Reunião da executiva nacional com Haddad

Para enfrentar a anunciada violência do próximo governo, o PT pretende criar uma rede democrática de proteção solidária que envolve diversas frentes da sociedade: “Vamos organizar todos os advogados do partido e todos aqueles que militam na área de direitos humanos. Vamos fazer um convite a juízes pela democracia para que possamos ter a resposta pronta para denunciar violações aos direitos humanos e civis e também à liberdade de expressão”.

Proteção a Lula

Grande parte do ódio disseminado pelo candidato do PSL tem como alvo o ex-presidente Lula, que deixou o cargo com mais de 85% de aprovação e revolucionou o Brasil. Diante das ameaças, outra decisão extraída após a reunião com a Executiva Nacional do PT foi a criação de uma corte de solidariedade democrática pela liberdade de Lula.

“Nós nos preocupamos muito com isso. O último discurso do candidato eleito não tem a ver com os direitos das pessoas: ele disse que quer deixar Lula apodrecer na cadeia. Tememos até pela vida do ex-presidente. Ele tem que ter seu processo julgado de forma justa. Ninguém pode decidir o que fazer com ele antes do seu processo ser julgado de forma justa. É isto que vamos fortalecer em nossa luta”.
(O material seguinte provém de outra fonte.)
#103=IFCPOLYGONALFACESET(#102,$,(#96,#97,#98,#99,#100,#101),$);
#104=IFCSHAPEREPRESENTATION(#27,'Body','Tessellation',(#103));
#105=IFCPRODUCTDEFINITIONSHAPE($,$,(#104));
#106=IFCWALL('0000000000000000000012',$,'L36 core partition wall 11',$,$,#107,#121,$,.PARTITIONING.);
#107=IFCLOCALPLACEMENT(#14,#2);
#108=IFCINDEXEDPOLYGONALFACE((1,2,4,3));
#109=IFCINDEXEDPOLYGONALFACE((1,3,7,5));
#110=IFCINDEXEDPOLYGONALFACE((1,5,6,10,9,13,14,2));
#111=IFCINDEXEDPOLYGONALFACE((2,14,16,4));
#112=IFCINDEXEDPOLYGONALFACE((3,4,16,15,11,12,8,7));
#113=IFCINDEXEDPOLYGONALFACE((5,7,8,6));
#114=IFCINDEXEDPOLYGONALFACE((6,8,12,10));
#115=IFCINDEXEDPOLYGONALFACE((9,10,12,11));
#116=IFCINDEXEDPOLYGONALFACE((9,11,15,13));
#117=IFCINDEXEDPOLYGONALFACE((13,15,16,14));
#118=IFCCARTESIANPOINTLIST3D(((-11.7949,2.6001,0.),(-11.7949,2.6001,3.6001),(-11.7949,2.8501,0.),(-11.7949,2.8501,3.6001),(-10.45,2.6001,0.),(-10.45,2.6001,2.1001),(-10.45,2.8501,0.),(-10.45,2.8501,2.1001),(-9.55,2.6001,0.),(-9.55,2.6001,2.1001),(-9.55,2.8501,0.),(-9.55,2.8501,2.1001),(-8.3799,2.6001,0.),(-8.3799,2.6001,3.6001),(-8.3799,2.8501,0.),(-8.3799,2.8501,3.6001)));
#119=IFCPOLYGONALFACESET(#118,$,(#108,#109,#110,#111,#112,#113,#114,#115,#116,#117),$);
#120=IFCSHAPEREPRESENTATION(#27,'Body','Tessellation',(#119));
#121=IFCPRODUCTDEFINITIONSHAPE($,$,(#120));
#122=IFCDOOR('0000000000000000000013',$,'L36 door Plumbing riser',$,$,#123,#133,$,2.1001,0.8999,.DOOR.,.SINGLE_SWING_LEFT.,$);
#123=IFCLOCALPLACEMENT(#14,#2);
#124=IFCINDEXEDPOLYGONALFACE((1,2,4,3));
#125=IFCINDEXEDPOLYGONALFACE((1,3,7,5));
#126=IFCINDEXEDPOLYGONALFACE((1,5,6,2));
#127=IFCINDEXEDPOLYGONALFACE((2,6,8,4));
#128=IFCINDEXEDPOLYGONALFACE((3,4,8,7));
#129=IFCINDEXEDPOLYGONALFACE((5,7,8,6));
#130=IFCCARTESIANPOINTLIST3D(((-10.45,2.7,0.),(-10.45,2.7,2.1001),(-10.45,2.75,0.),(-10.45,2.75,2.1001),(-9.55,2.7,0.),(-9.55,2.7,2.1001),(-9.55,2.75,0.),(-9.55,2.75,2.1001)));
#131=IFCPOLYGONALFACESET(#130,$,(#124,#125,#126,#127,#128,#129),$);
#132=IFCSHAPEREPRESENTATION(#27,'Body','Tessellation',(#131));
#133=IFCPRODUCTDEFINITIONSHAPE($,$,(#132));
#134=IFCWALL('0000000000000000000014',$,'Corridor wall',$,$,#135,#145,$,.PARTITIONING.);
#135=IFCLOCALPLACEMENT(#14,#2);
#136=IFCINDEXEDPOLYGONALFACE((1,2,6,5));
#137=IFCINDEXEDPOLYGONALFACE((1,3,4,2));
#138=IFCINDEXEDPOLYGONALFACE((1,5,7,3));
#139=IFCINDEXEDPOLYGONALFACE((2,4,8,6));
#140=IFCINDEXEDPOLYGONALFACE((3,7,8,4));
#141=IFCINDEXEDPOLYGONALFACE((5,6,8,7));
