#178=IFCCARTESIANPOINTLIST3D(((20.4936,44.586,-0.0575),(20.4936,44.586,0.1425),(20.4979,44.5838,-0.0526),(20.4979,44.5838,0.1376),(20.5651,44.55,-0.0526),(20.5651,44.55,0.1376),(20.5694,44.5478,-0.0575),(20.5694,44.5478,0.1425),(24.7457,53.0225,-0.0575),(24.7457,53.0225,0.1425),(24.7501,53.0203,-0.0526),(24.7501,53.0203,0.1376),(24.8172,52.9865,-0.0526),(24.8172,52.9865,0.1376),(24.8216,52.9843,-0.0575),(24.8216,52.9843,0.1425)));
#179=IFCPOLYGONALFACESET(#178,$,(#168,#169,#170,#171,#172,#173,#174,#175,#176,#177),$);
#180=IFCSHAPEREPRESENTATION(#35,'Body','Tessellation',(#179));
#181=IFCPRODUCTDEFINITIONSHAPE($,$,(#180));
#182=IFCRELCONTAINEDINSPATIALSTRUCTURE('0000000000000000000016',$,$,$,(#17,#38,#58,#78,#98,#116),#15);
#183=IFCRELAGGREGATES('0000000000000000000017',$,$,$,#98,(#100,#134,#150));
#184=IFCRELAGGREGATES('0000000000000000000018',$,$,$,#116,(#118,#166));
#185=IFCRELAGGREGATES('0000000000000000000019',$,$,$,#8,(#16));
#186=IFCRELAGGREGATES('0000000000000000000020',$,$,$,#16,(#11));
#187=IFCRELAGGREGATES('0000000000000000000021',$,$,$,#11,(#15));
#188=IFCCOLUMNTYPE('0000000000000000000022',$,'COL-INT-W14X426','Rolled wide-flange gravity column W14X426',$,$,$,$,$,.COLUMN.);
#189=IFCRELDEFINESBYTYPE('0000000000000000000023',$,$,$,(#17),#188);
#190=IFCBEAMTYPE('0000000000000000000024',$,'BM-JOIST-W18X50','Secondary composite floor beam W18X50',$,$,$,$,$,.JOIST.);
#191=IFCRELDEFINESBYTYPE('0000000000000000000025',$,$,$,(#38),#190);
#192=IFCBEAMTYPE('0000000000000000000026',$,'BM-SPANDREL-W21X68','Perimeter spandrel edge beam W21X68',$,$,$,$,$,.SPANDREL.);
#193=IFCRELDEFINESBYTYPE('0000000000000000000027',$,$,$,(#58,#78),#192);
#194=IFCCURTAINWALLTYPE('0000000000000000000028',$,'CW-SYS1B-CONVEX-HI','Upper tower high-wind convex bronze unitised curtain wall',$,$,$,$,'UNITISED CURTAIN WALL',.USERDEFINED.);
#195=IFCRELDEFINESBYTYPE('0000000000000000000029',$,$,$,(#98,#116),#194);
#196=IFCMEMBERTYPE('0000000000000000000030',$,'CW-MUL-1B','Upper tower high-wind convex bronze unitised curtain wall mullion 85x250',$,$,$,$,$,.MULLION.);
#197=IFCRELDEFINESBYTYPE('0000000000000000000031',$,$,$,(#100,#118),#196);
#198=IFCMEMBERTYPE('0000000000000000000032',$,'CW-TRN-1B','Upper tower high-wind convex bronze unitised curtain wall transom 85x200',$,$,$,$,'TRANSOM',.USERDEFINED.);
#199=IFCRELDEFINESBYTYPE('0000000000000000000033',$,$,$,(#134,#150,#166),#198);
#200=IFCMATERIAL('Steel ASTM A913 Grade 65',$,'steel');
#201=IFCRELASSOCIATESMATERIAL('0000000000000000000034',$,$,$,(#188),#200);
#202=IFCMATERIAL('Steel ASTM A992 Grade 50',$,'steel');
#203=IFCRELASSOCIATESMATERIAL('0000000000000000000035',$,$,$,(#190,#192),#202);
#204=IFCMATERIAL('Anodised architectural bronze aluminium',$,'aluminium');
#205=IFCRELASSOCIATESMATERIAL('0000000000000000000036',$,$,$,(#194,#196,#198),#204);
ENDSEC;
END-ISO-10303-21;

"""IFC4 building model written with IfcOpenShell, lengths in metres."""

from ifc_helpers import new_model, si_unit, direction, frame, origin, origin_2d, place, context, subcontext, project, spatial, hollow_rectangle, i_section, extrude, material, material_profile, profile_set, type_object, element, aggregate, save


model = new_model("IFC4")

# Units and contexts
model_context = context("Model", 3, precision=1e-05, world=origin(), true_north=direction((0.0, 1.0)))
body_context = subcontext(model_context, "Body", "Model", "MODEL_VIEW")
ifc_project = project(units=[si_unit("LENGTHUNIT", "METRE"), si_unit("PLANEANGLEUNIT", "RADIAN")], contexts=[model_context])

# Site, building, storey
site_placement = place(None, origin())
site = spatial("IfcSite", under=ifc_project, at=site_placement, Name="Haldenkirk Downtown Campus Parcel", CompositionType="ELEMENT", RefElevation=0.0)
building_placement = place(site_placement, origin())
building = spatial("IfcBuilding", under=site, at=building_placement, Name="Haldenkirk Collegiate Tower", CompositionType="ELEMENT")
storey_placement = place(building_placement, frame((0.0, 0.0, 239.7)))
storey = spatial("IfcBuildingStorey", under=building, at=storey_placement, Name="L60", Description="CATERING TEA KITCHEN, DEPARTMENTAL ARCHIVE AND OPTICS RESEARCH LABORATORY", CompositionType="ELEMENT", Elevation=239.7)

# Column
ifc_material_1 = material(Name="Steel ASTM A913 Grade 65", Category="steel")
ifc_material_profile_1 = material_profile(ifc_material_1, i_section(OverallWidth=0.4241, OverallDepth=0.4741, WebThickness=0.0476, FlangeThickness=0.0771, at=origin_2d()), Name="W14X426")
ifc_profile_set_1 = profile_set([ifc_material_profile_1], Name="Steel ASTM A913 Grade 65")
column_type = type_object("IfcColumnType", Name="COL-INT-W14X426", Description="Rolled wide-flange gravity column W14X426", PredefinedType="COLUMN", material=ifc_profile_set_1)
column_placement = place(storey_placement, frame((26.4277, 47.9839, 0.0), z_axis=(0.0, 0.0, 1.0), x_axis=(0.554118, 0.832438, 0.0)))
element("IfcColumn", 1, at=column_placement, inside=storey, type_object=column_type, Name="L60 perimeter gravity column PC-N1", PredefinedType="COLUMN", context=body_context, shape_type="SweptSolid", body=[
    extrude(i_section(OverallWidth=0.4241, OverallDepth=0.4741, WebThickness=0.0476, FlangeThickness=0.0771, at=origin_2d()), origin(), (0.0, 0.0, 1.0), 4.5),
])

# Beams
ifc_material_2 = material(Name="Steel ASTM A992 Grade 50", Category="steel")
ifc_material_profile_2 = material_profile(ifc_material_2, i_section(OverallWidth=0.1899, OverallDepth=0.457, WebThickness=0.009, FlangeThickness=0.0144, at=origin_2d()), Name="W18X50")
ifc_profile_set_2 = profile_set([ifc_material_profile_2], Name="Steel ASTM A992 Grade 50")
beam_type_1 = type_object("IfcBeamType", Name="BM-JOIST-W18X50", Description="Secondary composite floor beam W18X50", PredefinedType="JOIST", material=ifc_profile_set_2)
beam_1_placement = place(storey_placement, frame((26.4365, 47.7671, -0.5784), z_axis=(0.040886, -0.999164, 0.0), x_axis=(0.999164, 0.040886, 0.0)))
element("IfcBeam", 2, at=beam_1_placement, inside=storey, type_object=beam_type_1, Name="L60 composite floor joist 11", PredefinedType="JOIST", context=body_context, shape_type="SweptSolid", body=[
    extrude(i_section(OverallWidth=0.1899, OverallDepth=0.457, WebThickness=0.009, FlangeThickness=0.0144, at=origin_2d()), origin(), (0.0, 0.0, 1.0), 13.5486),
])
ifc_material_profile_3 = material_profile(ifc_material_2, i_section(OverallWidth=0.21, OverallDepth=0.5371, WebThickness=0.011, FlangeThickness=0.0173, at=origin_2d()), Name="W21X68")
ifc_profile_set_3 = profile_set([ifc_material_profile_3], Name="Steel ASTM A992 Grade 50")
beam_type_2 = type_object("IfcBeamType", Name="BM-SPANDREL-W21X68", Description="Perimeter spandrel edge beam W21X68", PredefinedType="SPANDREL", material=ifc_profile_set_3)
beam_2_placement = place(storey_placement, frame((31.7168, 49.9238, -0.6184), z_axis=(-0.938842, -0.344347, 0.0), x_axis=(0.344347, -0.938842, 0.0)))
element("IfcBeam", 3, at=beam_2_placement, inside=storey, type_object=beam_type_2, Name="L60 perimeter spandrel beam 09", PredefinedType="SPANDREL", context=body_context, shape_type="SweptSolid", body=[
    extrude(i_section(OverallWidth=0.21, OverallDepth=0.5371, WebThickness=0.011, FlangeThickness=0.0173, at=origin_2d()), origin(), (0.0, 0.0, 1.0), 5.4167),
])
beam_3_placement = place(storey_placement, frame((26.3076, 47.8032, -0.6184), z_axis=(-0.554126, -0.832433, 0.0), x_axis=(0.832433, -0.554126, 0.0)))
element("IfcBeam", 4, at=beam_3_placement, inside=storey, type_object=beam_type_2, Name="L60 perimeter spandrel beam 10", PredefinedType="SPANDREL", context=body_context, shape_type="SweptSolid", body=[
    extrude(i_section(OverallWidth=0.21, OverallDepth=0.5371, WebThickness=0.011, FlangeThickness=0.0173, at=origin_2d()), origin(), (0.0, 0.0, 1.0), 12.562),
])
A corte de solidariedade também passa pela criação de observatório internacional. “Queremos que o mundo olhe para a nossa população indígena, para a nossa população negra, para os LGBTs, para os movimentos sociais e que a gente também tenha a quem recorrer internacionalmente e garantir o direito de liberdade de expressão, integridade dos jornalistas, enfim para tudo aquilo que construímos a partir da Constituição de 1988”, concluiu Gleisi.